Let’s dig deeper into the emotional impact of being raised by a narcissistic parent, and what you can do about it now to make a change.
Low Self-Esteem
One of the biggest issues people with narcissistic parents tend to face is a negative perception of themselves. Everyone struggles with low self-esteem now and then. But, if it’s something that never leaves you, it’s important to ask yourself why.
Do you think your feelings don’t matter? Are you flawed, not good enough, or somehow unworthy of care? It’s not uncommon for children of narcissistic parents to believe the negative things their parents said about them or the messages that were conveyed throughout childhood.
You might even look back and try to blame yourself for your parent’s behavior. If you think you could have done something differently, or if you tend to do whatever your parents want now to gain their approval, it’s a major red flag that they were more concerned about themselves than you throughout your childhood.
People-Pleasing
It’s likely not just your parents that you want to impress or make happy. You might be a people-pleaser, in general. While there’s nothing wrong with wanting to help others, when you make sacrifices that are detrimental to your own well-being, it’s a problem.
You have to prioritize your own needs first. If you feel like you need to gain approval from others by going out of your way to do things for them, you have to ask yourself where that idea might come from.
Codependency
The reason why so many people raised by narcissists tend to want to please others is because they crave validation.

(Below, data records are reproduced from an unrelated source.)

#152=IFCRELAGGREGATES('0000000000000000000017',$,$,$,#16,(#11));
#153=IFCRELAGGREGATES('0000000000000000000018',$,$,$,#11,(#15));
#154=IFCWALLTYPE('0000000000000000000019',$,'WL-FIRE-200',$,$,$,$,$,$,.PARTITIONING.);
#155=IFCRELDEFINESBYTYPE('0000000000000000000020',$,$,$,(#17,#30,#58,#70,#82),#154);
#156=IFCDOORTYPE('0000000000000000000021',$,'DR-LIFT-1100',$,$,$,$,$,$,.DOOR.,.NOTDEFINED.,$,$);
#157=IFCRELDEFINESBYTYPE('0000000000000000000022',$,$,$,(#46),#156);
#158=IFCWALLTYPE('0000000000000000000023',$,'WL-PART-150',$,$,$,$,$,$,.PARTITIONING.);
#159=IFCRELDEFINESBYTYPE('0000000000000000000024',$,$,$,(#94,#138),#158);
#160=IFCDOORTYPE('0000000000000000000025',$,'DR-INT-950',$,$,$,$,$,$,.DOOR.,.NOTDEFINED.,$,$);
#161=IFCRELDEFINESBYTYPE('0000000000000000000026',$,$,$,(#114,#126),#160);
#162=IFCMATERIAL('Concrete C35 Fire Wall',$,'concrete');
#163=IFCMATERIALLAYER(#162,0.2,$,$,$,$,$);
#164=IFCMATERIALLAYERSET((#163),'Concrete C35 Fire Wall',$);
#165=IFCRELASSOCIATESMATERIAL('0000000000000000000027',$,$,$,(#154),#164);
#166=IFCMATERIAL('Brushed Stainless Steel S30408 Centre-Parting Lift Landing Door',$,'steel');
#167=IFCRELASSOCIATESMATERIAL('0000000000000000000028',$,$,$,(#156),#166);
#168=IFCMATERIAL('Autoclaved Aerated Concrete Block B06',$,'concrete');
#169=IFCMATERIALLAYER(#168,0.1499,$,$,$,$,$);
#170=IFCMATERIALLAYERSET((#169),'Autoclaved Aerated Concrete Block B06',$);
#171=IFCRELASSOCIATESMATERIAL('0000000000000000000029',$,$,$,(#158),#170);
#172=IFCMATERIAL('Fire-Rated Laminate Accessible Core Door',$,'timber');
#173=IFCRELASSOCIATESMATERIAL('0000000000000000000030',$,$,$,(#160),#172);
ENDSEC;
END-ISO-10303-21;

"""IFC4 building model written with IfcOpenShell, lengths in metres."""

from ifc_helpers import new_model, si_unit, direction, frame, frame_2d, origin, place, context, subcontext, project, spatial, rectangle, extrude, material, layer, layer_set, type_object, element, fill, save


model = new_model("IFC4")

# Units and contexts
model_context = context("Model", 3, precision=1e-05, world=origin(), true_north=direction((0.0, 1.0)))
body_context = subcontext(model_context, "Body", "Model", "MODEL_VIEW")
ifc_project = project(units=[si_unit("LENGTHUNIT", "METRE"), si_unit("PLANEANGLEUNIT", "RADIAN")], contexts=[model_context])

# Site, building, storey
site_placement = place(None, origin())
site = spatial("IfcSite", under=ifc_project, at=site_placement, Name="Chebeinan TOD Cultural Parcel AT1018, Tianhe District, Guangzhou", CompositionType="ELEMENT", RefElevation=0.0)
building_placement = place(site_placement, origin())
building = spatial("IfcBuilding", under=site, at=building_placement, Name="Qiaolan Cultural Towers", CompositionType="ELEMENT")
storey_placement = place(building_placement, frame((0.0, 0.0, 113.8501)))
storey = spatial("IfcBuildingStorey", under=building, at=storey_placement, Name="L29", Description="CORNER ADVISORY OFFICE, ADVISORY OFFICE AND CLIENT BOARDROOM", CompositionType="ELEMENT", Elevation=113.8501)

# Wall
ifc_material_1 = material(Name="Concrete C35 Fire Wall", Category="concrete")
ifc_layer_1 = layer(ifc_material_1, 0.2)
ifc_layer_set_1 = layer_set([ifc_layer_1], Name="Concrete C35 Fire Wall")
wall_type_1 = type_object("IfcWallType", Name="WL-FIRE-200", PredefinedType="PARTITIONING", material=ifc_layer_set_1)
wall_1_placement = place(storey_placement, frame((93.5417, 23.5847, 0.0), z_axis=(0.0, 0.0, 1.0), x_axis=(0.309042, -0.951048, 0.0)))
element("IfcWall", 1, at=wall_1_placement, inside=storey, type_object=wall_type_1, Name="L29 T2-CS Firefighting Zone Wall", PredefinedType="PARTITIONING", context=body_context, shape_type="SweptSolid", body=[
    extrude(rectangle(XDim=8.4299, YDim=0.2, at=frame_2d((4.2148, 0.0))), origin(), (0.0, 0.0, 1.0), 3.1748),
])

If your feelings were ignored or invalidated as a child, you might be willing to do whatever it takes to feel valued as an adult. Unfortunately, this can lead to codependent relationships. Codependency often causes unhealthy imbalances in a relationship, and can open you up to physical or emotional abuse.
Mental Health Issues
Constantly worrying about not being good enough, struggling with low self-esteem, and feeling a bit hopeless about what the future holds can be overwhelming, to say the least. As a result, it’s easy for those raised by a narcissistic parent to develop mental health issues like anxiety and depression.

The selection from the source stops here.